Vanamo belonged to the first members of the Pykälä Association of the largest law school students in Finland and served as its third chairman in 1937–1938.

== Ura ==
When graduating as a lawyer in 1939, Jorma Vanamo had worked in the Ministry for Foreign Affairs for more than a month. On 1 February 1939, Vanamo started at the Ministry of Foreign Affairs as an unpardonable typist, and on 3 March 1939, he officially joined the Foreign Service. Vanamo was also able to prove the development that led to Winter War at the beginning of his career. The Baltic states where negotiating with o the Soviet Union on base requirements, when Jorma Valamo on 5 October 1939, was a telegraphist when Moscow sent a secret telegram to Aarno Yrjö-Koskinen.

The central element of the telegram was the invitation of the Kremlin to negotiate concrete political issues.
After the Winter War, Vanamo was sent to the office of deputy to Stockholm. At the end of the war, he was transferred to Moscow, where Juho Kusti Paasikivi served as Envoy

At the beginning of the Continuation War, Vanamo received a seat from Finland as Secretary of State for Foreign Affairs. He was at the Political Department of the Ministry for Foreign Affairs, and Vanamo's duties included secret telegrams. It can be said that Vanamo's career progressed very fast, for just under two and a half years after he had come to the Ministry of Foreign Affairs, he had already been appointed a permanent official.

In the early spring of 1942, Jorma Vanamo took the cryptography course and after the course he developed secretarial systems in the Foreign Ministry. He served as secretary of state until the end of the war. Vanomo also translated the first draft of the Finno-Soviet Treaty in May 1945. When the diplomatic relations between Finland and the Soviet Union returned, Vanamo returned to Moscow in August 1945. He continued his duties in Moscow until 1948. This term also included the Finnish-Soviet treaty negotiations. Vanamo did not personally participate in the negotiations but was responsible for sending delegations of secret ballot, which was why he was well aware of the conduct of the negotiations. The Finnish-Soviet Agreement entered into force on 6 April 1948.

In 1948, Vanamo moved to the post of deputy secretary at the Ministry of Foreign Affairs and became the Secretary next year .

Between 1951 and 53 Vanamo was again sent to Stockholm, now the first Secretary of the Embassy and Delegation Counselor. From Sweden, he became Deputy Director General at the Ministry for Foreign Affairs in the Trade Policy Department in 1953 to negotiate trade agreements with the Soviet Union. Vanamo moved to Washington, D.C. in 1954. The area included administrative matters, consular offices, and political issues. After two years in the United States, Vanamo returned to the Ministry of Foreign Affairs as Head of the Administrative Department in 1956. After two years in the United States, Vanamo returned to the Ministry of Foreign Affairs as Head of the Administrative Department in 1956.

Jorma Vanamosta became an Ambassador in Warsaw in 1958, where he also worked for relations between Finland and Bulgaria. The Warsaw years were followed four years in Moscow in 1963–67, this time at the ambassador's post.

During this time as President Urho Kekkonen, during the second time, he was convinced of Vanama's qualifications. In 1967, he was appointed State Secretary to the Ministry for Foreign Affairs. During his State Secretaryship, Vanama played an important role in dealing with the investigation of the operation of the Soviet Ambassador Aleksey Beljakov. Beljakov was revealed to support the Stalinist hardline wing of the Finnish Communist Party, which naturally strengthened the ideological role of the Soviet Union in domestic politics in Finland.
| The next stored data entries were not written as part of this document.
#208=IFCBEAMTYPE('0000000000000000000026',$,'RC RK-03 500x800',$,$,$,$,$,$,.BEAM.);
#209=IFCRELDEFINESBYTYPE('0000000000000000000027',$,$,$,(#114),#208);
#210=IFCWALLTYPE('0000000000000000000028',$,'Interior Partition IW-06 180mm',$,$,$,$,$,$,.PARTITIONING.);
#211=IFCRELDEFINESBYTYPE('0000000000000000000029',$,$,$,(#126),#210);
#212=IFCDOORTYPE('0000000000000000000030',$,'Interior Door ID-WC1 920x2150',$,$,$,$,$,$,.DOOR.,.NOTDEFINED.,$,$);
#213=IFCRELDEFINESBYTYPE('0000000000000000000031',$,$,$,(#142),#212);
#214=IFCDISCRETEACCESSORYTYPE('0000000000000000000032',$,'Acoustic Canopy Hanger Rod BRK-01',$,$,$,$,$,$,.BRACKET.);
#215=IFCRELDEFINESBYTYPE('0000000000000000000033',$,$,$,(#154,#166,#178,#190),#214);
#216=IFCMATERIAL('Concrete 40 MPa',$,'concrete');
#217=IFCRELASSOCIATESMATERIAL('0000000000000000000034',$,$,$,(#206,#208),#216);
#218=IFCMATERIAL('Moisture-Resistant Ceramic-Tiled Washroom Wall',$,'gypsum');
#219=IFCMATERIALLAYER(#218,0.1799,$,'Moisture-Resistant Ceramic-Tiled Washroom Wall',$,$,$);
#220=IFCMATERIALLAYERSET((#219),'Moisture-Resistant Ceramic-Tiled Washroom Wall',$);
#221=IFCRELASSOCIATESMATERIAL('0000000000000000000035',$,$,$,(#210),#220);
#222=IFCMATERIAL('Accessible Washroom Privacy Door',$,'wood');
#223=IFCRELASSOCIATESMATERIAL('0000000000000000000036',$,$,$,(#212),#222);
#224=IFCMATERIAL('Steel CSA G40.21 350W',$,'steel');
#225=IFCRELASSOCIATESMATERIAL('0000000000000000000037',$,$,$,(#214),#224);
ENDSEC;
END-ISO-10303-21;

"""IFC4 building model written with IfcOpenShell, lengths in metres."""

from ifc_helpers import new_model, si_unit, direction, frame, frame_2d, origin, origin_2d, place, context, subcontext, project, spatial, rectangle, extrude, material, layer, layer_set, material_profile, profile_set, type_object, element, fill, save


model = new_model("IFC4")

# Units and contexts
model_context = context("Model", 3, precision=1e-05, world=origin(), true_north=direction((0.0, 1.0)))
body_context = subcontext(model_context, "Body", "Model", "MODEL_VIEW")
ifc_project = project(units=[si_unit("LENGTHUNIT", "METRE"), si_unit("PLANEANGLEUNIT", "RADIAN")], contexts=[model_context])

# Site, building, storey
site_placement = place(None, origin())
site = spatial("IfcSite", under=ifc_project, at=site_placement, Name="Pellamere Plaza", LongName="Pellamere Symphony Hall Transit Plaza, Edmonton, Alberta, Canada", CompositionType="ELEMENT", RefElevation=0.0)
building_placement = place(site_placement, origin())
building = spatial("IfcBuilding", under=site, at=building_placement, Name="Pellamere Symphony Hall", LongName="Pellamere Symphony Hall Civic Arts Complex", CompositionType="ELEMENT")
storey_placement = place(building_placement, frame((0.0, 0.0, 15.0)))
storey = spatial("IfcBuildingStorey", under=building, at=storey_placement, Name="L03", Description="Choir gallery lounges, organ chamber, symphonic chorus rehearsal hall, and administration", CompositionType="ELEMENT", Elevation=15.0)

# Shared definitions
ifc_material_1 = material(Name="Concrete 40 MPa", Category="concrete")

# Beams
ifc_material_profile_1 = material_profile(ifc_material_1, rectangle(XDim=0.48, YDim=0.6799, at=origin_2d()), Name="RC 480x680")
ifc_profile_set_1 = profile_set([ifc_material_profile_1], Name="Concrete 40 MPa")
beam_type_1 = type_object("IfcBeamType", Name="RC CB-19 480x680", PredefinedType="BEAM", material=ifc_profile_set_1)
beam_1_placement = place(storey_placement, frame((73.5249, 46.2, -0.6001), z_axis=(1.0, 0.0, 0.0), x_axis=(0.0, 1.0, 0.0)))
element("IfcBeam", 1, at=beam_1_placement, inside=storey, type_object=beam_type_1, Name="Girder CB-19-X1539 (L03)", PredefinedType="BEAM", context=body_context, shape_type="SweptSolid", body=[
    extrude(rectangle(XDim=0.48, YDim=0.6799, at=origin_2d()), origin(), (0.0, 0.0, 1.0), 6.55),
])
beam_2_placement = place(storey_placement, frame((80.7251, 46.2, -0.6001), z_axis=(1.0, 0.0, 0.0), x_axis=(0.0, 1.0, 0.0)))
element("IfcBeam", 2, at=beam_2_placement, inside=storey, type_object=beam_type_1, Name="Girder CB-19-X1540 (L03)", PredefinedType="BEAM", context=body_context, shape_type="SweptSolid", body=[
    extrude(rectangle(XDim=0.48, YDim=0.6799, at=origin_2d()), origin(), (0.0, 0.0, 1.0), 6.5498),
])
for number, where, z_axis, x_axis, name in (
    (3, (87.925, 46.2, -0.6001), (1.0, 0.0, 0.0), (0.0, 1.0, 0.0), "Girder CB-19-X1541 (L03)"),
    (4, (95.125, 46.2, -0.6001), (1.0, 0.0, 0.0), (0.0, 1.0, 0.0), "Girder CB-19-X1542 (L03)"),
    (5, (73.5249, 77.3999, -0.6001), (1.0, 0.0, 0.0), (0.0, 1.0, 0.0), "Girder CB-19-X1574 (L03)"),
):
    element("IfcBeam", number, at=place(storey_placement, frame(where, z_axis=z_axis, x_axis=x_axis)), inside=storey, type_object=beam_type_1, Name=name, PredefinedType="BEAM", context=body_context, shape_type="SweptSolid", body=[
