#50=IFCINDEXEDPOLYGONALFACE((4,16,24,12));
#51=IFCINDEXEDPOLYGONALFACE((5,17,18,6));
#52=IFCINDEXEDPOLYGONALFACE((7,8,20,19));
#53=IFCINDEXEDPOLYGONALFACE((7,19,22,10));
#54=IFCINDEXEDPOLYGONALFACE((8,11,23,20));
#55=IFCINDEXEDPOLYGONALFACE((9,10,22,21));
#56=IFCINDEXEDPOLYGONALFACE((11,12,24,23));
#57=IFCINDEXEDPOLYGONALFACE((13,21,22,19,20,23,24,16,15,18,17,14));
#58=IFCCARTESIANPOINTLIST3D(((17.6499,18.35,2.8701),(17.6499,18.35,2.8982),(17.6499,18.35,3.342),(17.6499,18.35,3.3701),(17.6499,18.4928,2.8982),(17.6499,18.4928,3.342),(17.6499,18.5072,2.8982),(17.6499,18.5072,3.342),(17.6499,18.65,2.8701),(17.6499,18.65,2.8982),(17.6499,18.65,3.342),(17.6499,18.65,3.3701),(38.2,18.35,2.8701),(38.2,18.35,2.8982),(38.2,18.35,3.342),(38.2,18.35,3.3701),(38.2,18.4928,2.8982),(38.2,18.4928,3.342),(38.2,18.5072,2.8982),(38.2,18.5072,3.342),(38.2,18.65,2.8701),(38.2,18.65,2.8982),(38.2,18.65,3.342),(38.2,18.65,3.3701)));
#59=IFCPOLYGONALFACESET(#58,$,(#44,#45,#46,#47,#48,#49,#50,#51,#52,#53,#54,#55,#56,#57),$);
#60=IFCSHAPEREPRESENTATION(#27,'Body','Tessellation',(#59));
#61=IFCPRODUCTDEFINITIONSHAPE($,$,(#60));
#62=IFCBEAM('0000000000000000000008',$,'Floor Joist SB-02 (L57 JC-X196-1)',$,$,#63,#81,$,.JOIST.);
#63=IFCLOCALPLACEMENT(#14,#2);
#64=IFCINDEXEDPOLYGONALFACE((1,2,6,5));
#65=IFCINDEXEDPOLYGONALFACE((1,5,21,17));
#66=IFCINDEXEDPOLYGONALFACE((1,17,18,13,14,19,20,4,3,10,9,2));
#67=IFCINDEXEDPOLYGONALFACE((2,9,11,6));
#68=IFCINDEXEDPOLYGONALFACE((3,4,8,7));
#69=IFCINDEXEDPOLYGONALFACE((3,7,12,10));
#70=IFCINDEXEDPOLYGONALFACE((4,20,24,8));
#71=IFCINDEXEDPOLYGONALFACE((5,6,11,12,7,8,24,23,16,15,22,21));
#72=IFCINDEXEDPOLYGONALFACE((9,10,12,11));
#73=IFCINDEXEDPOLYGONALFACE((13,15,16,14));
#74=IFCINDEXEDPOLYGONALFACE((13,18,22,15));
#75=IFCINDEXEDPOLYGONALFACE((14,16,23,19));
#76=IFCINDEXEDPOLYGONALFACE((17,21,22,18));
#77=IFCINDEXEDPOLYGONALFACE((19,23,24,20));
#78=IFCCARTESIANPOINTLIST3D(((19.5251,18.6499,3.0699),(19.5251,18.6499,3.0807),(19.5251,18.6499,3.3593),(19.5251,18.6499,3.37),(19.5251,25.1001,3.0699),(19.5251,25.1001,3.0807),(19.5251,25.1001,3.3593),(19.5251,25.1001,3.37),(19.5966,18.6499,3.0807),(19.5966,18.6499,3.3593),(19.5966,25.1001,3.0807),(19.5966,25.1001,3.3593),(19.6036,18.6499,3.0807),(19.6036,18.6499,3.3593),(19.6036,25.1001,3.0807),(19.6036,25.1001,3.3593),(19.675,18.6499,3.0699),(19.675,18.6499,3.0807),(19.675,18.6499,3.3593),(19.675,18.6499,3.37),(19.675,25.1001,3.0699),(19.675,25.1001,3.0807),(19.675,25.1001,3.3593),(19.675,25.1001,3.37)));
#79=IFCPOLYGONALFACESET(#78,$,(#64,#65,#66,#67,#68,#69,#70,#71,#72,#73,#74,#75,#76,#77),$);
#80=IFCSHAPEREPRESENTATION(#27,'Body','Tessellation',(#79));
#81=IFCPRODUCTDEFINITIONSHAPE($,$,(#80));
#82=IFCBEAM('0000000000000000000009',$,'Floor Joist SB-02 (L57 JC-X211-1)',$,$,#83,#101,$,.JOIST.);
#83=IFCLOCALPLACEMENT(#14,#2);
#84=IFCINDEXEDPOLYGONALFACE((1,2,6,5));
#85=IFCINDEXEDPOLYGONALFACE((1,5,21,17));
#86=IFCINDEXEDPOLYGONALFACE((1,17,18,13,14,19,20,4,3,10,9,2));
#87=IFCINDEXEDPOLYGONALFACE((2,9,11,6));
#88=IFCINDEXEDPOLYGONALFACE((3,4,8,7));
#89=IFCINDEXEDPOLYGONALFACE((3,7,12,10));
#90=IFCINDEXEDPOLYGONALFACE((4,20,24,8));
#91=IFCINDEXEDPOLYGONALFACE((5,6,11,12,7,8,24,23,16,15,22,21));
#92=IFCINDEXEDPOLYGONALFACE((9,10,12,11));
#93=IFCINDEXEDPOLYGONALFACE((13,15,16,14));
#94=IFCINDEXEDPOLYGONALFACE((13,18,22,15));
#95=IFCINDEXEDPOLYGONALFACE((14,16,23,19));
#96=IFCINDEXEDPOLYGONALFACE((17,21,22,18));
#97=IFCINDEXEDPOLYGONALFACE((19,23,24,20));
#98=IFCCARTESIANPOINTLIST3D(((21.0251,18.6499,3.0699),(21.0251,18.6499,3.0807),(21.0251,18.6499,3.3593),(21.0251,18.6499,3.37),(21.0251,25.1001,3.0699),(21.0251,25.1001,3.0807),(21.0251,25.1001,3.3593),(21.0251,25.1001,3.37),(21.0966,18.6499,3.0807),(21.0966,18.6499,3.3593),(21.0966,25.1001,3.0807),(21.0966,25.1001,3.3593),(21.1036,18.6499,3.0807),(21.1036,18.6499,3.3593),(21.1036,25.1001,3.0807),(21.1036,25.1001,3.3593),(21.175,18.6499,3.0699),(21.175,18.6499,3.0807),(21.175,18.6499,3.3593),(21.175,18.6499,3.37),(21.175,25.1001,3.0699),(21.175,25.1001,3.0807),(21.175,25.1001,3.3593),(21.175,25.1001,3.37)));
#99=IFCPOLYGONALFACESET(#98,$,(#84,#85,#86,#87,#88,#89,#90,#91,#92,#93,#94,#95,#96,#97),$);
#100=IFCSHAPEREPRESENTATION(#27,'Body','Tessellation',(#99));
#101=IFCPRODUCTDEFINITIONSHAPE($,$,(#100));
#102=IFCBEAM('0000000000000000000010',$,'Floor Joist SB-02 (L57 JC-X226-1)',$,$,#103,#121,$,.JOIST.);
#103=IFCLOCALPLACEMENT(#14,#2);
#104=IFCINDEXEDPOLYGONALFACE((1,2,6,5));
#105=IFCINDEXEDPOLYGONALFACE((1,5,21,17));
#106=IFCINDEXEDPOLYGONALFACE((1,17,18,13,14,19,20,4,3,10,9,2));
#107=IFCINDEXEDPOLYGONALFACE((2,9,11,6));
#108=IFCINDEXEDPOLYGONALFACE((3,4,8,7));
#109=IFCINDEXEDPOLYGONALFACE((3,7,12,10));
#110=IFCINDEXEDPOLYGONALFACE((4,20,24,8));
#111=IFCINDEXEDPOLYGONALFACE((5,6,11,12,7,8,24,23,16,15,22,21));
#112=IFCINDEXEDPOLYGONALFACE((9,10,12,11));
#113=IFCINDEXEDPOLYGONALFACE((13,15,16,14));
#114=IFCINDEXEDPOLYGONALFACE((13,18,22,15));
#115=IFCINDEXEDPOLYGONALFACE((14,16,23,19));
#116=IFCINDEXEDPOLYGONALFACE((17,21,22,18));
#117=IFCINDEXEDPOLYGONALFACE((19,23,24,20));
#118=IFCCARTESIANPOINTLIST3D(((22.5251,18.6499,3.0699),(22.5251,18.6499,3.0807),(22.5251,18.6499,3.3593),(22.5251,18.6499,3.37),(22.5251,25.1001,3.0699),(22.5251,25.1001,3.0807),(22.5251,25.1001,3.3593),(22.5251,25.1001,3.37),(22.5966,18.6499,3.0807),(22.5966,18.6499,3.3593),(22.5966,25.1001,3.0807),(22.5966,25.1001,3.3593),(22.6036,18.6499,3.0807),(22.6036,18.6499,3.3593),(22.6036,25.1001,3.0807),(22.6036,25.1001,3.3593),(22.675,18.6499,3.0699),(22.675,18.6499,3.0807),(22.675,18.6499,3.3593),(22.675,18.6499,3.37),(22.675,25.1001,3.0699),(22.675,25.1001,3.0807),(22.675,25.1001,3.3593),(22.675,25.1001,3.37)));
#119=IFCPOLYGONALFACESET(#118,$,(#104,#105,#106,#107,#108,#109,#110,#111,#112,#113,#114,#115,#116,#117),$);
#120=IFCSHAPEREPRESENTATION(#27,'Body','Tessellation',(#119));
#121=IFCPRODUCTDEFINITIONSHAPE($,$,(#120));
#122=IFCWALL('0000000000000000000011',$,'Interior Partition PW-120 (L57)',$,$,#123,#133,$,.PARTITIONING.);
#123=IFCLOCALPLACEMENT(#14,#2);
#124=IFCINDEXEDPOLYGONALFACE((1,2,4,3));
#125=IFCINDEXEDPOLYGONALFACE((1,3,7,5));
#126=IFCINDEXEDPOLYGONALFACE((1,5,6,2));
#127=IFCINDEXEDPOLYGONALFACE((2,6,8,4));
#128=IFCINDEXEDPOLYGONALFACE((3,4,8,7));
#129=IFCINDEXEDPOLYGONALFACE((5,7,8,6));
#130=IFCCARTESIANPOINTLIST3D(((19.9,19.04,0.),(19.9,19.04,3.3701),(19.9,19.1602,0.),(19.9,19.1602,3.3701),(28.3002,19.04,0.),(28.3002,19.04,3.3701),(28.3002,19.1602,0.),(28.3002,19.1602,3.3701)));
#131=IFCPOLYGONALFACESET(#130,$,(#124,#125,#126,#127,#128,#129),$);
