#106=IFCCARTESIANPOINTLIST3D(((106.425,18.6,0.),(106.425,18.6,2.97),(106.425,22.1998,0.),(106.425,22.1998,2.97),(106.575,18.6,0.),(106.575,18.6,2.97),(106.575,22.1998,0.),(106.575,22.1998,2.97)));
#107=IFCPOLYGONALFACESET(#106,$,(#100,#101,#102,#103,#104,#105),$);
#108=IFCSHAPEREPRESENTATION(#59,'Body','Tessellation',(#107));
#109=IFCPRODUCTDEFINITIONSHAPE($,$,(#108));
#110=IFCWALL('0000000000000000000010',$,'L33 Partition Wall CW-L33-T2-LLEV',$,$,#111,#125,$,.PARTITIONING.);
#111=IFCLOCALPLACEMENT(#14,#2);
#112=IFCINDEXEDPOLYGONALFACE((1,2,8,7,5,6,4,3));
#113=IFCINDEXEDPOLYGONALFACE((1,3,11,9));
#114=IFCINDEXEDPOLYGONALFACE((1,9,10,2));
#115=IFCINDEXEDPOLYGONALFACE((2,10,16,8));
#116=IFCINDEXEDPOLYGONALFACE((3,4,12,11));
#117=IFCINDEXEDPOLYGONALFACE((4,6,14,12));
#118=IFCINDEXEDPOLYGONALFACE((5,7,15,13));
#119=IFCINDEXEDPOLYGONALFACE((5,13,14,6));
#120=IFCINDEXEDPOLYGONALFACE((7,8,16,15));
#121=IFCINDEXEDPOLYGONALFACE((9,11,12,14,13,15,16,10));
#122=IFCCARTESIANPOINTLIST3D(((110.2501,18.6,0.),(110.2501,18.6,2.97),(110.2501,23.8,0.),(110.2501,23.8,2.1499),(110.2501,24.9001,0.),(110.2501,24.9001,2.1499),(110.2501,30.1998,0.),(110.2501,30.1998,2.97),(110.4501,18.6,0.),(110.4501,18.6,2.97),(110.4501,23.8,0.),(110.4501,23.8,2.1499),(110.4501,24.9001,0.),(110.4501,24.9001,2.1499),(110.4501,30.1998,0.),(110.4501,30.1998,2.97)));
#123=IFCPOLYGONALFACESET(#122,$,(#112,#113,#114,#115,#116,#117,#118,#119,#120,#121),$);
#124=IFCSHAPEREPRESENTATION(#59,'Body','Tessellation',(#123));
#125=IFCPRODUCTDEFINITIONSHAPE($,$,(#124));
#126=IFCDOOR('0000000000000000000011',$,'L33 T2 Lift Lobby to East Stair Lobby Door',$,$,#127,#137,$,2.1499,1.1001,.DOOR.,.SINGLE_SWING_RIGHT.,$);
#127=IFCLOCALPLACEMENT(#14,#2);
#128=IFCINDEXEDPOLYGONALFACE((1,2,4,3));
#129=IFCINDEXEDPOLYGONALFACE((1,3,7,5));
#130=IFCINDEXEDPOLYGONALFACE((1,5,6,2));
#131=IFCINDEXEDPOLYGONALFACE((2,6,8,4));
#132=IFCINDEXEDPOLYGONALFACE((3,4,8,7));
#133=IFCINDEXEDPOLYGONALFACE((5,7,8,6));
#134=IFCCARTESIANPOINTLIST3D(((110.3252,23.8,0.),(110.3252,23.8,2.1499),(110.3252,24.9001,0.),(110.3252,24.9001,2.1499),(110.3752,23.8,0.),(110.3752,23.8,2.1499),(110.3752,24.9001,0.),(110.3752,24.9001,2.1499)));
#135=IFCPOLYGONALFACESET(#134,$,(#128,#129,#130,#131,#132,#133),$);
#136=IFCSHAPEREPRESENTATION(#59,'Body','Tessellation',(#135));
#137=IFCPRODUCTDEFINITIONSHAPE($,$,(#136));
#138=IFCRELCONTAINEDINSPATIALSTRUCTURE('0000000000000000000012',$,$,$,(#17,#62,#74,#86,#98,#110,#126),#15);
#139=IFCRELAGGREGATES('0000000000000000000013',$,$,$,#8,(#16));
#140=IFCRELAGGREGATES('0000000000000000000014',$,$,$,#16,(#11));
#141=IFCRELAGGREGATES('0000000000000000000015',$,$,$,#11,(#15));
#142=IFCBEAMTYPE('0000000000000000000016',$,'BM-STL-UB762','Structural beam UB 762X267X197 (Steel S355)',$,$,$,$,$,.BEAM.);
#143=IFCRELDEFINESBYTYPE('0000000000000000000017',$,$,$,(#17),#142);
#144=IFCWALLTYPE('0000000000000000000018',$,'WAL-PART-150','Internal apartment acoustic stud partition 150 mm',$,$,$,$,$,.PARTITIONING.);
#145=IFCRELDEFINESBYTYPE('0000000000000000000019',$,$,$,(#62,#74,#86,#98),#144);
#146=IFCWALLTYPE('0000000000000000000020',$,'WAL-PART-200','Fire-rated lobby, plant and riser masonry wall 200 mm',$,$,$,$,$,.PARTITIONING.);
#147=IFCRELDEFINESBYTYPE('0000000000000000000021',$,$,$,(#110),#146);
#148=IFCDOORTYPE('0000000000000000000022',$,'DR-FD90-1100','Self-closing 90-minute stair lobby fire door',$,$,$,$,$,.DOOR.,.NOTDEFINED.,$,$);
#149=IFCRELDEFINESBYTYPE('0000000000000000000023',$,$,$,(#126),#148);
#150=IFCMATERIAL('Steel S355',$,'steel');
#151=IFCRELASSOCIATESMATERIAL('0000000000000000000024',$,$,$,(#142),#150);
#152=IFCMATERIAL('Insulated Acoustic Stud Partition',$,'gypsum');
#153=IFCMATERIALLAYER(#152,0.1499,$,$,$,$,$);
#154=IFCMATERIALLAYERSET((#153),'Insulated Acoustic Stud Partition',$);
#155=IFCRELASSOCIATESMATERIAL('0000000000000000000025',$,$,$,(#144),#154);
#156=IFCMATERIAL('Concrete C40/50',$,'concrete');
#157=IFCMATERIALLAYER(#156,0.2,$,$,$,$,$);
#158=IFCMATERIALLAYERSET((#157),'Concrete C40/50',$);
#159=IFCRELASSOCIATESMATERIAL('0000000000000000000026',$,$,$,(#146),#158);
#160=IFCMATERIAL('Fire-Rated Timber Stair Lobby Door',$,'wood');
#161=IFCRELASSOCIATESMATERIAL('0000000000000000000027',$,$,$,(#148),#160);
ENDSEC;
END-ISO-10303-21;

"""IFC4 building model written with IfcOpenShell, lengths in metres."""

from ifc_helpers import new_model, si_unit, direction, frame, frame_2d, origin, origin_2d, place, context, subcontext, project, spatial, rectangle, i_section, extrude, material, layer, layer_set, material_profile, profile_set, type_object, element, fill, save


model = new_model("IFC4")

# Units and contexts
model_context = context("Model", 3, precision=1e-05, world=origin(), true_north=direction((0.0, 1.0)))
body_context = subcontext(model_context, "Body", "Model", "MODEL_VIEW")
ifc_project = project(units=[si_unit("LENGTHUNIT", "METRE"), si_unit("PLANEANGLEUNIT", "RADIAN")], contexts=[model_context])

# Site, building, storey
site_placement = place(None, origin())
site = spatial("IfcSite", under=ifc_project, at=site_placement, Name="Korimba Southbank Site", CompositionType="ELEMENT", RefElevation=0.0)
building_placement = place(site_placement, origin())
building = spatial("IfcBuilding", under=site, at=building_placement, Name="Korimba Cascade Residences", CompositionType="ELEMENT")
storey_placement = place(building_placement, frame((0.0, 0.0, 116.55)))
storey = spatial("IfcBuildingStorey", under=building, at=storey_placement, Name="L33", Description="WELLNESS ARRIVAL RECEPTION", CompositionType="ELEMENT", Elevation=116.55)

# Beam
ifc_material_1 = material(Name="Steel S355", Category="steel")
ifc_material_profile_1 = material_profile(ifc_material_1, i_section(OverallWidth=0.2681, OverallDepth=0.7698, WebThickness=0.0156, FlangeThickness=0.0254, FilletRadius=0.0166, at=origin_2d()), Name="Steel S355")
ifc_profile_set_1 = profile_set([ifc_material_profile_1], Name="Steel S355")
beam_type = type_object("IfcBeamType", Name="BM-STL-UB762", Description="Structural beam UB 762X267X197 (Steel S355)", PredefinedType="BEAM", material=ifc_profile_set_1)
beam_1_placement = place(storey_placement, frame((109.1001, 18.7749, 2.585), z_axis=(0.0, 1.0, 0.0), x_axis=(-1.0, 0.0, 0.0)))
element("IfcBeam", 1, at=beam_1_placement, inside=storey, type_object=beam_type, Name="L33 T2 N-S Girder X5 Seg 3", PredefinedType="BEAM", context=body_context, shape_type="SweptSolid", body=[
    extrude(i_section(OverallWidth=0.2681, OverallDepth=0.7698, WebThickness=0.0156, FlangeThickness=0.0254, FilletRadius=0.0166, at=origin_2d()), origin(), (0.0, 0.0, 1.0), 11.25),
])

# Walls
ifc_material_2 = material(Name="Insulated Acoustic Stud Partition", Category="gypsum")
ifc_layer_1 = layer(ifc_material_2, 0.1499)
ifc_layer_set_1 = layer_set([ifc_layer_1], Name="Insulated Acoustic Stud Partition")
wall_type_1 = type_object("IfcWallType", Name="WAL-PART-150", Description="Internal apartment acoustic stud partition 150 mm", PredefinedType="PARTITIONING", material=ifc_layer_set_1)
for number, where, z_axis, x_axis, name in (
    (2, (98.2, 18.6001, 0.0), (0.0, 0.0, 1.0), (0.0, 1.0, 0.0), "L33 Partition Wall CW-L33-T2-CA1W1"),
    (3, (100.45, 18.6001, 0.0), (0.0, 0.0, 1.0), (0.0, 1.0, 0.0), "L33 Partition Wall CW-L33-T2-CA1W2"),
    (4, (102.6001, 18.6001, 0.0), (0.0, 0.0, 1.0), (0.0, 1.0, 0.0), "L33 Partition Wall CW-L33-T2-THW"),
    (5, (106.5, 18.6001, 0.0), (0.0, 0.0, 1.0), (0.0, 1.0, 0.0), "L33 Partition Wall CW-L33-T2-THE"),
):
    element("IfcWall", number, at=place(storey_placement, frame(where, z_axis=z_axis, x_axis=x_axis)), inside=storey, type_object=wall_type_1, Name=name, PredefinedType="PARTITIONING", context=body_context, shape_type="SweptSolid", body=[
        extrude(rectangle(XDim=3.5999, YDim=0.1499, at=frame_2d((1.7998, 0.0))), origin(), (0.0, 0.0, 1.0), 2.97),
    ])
The case led to the resignation of Beljakov from his post and return to his native country in the spring of 1971.

After the end of the 1960s in Finland, Vanamo was sent back in 1970 to a new place of employment in Rome. Finland and Italy had not had mutual visits to date, but now President Kekkonen made a state visit to Italy in January 1971. Foreign Minister Aldo Moro made a return visit to Finland in the same spring

Vanamo returned to Stockholm as an ambassador directly from Rome in 1975. There he worked until his retirement, until 1980.